We call the United Methodist Pastors and Congregations to denounce racism as antithetical to the gospel, lead their congregation in prayerful reflection of the dire effects of racism and white privilege, use the resources addressing these issues produced by the General Commission on Religion and Race (GCORR), the General Board of Church & Society (GBCS) and the other general agencies; and organize constructive dialogues of communities of color with political leaders, police departments and grassroot organizations in their communities. (UMC Book of Resolution #3374 “Annual Conferences’ Districts’ and Local Congregations’ Responsibilities for Eradication of Racism”)

We call our Central Conference siblings to pray for the United States as it struggles with the effects of racism and white privilege and to denounce any practices of systemic  oppressions that are enforced upon them. 

We call the General Conference Delegates to respond to the present crisis with pastoral actions and programs that will bring reconciliation, support equity, and work together to dismantle racism and white privilege in our denomination and society. To that end, we urge the General Conference to support the important work of the Racial Ethnic Plans, GCORR and GBCS in their programming and advocacy for racial ethnic ministries.

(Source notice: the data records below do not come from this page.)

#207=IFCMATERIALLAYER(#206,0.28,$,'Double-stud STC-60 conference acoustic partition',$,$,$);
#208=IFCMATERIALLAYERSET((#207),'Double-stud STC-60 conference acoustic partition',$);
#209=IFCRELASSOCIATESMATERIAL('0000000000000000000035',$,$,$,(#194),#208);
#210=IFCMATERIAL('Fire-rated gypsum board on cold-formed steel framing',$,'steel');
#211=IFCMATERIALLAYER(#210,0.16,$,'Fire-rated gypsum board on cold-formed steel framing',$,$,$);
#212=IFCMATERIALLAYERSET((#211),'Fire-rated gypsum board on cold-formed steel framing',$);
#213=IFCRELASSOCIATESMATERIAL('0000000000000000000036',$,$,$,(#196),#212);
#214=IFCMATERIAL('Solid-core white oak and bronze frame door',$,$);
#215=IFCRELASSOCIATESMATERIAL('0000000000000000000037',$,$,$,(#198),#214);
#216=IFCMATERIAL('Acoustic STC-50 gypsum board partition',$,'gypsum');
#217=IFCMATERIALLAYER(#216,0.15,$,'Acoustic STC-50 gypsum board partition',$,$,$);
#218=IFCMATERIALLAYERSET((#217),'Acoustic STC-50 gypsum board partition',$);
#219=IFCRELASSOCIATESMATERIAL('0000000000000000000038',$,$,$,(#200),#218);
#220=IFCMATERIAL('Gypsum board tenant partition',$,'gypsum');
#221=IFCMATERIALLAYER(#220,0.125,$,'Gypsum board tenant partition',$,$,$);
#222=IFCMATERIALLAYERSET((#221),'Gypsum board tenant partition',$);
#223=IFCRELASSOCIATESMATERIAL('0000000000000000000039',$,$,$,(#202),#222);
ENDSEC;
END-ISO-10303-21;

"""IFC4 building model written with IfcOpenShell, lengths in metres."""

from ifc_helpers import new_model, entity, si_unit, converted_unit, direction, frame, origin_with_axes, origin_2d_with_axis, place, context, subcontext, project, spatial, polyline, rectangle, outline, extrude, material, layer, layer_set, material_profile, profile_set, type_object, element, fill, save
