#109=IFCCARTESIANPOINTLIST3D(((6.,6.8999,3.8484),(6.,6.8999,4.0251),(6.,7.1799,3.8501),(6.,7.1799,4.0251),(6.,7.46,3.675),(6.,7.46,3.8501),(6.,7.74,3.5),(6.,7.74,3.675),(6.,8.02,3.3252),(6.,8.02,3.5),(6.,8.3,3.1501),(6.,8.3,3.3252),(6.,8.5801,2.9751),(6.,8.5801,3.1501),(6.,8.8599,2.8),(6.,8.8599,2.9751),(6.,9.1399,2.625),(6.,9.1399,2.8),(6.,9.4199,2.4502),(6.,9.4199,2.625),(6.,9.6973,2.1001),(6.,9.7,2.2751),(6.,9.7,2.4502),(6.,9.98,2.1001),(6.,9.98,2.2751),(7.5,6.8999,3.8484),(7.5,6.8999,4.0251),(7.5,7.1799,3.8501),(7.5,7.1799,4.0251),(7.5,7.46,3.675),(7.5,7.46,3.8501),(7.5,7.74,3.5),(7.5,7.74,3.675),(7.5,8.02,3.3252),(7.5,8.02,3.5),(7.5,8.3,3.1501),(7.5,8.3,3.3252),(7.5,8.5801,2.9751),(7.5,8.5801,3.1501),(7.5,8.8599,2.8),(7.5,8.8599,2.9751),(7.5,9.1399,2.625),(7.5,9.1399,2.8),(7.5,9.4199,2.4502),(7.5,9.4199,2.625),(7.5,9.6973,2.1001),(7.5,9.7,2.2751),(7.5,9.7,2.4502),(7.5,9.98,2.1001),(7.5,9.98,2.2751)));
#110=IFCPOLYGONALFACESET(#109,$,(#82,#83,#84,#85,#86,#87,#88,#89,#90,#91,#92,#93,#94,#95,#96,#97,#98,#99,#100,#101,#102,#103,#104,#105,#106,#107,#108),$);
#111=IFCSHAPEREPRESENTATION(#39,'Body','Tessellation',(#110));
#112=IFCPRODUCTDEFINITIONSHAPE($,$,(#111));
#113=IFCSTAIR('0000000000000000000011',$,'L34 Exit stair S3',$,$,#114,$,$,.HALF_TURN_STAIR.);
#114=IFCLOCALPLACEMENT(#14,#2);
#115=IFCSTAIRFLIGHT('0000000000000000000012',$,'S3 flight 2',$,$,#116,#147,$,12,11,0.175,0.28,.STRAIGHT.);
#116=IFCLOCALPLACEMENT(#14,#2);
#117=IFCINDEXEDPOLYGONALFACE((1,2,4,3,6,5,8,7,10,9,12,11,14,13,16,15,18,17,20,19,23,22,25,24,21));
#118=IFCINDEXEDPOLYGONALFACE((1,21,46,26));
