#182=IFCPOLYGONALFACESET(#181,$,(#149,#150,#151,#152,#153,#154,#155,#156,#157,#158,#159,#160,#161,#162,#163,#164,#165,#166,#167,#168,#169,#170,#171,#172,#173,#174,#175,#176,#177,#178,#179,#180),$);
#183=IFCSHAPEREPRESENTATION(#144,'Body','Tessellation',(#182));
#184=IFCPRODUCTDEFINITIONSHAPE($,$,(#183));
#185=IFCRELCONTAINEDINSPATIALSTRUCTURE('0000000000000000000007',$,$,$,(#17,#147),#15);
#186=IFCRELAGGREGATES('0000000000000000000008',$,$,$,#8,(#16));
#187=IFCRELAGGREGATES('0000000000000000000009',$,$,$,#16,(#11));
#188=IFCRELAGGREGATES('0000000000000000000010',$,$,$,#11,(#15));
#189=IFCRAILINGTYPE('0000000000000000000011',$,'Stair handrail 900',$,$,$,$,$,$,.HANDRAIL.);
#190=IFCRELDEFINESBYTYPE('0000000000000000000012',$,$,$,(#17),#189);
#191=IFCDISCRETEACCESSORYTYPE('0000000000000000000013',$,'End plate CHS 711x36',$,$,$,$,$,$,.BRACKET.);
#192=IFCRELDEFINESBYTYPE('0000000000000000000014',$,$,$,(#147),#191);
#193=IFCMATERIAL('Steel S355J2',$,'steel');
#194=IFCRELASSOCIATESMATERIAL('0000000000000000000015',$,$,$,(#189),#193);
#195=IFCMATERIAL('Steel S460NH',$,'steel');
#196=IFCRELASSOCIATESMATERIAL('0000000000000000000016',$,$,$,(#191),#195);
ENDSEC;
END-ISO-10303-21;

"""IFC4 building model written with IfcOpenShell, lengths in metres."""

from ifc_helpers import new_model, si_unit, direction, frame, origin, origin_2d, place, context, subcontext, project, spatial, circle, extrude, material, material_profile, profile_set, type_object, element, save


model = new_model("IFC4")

MARCHA supports the statements made by racial ethnic caucuses, general agencies and the Council of Bishops in regards to denouncing racism. We encourage all people of faith to be in solidarity with those who seek peace and justice.  As an act of witness, light a candle every evening and pray for peace with justice in the United States and the world. True peace cannot be achieved without True Justice. “And justice will produce lasting peace and security.” (Isaiah 32 CEV)

Ken R Jun 20, 2020 4:42pm

Racism against all races, gender, and sex by all people is terrible. However, I wish the church leaders would stop using words such as white supremacy and white privilege. Those in themselves are racist to assume all white people think, act, and feel the same about other races. It is also racist to assume only white people are racist. It is words like those that turn me off to listening and having an open discussion on the topic.

As long as we are being honest here, lets not just talk about those killed by law enforcement every year but lets also talk about the 700+ people shot in Baltimore, and 300+ killed, not by police but predominately blacks against other blacks. For some reason I don't hear church leaders having marches and delivering sermons on this pandemic.